Elon Musk: Las Vegas transit system may be ready in 2020
LAS VEGAS - An underground transit system using self-driving vehicles underneath the Las Vegas Convention Center could be up and running next year, billionaire Elon Musk announced on social media late Friday.
Musk tweeted that The Boring Company’s underground tunnel project in Las Vegas will be “hopefully fully operational” in 2020, the Las Vegas Review-Journal reports.
According to Musk’s tweets, the $52.5 million people-mover system being built beneath the Las Vegas Convention Center will be operational in the coming months after much speculation. Boring Co. and the Las Vegas Convention and Visitors Authority have said that the 1-mile (1.6-kilometer) system will be ready by the January 2021 CES trade show.
The convention authority did not immediately respond to request for comment Saturday night.
Authority President and CEO Steve Hill told board members on Dec. 10 that the project is off to an expected slow start.
Hill explained that the drill being used to create the tunnel is at its best when the entire 300-foot length of the machine is extended underground.
“It’s like crawling,” he told the Review-Journal in December. “The machine pushes against the tunnel and moves itself forward. … So they have to go pretty slow when it starts, and then it picks up.
The drill was officially powered up in November to create the system beneath and around the convention center.
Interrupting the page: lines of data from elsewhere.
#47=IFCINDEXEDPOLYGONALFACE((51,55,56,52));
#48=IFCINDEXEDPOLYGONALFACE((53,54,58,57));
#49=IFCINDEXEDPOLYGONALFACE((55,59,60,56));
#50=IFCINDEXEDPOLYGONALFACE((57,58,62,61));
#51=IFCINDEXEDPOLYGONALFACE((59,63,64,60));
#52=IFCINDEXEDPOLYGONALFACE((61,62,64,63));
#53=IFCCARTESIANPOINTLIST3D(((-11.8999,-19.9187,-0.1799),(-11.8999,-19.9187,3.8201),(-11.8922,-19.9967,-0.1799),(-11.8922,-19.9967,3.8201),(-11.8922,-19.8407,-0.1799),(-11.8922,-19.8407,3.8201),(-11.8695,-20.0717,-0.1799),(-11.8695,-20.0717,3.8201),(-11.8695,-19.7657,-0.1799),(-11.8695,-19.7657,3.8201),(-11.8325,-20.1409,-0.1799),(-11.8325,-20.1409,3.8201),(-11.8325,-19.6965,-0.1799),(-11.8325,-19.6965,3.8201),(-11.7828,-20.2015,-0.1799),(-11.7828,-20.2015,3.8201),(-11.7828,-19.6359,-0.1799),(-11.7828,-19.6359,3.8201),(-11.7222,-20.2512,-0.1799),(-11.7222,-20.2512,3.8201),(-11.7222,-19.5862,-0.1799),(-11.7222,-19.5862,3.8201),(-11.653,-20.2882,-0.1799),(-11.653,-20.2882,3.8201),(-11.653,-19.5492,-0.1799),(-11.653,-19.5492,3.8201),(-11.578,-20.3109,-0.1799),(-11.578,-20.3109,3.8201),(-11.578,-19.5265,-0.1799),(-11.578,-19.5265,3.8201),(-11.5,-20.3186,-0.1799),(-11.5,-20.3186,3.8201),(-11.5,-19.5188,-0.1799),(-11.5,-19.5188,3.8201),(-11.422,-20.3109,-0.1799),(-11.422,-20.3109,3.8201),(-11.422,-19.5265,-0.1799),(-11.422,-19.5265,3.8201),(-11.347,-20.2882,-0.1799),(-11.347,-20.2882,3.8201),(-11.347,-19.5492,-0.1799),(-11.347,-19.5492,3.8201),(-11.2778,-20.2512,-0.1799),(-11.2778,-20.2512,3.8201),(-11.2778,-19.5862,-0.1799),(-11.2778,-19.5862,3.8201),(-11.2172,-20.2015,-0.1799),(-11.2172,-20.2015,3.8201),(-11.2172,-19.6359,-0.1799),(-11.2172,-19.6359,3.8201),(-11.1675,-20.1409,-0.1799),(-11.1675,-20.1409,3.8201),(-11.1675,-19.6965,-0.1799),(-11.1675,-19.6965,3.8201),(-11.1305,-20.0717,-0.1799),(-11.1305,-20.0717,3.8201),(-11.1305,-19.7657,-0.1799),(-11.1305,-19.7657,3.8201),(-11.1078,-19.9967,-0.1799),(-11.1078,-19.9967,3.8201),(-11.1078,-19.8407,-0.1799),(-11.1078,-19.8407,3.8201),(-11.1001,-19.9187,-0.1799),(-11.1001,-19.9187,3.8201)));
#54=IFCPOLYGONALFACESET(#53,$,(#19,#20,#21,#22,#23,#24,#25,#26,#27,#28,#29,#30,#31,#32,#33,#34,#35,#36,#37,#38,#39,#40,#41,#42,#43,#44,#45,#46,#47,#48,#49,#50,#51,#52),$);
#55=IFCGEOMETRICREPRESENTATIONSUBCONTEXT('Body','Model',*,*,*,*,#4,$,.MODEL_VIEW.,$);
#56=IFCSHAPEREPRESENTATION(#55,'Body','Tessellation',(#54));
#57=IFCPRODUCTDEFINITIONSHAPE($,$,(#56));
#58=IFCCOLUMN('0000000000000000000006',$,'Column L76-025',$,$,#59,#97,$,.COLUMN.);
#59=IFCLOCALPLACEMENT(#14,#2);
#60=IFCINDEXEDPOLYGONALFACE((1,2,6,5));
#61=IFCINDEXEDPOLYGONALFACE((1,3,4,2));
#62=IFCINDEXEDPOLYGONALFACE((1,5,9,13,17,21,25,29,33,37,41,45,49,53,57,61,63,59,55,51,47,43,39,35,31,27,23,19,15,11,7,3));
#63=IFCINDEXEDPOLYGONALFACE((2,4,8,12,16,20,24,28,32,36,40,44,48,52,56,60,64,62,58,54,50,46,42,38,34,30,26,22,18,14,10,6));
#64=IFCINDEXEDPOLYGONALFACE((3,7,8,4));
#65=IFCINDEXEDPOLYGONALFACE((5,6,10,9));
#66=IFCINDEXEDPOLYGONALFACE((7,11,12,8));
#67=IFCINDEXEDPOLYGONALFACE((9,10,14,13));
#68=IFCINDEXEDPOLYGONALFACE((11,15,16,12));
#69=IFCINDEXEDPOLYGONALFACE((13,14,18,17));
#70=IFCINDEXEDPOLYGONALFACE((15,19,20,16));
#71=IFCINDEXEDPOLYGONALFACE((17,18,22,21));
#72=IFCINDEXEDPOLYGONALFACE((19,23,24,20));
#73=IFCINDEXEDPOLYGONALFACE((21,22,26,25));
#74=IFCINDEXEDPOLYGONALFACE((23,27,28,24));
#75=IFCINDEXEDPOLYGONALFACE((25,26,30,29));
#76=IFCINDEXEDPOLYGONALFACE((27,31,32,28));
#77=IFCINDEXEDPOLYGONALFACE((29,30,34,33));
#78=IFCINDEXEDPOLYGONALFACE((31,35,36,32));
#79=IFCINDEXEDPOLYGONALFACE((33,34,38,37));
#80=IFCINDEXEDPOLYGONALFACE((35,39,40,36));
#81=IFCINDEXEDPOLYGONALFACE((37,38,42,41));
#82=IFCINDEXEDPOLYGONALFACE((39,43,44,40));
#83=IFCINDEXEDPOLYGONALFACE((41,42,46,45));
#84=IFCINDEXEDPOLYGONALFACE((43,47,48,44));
In addition to burrowing beneath portions of Swenson Street, Paradise Road and Convention Center Drive, the machine will tunnel below the convention center’s Central Exhibition Hall.
Once operational, the system is designed to transport people in autonomously operated vehicles, supplied by Tesla, another of Musk’s companies. The cars will be able to transport up to 16 people at a time through parallel tunnels, each running in a single direction.
The system also will include a pedestrian tunnel and three underground stations accessible from convention center's halls.
The company also has proposals to build similar systems in Los Angeles, Chicago and between Washington, D.C., and Baltimore.
Musk also tweeted Friday night that the company will work on “other projects” after it completes the Las Vegas commercial tunnel.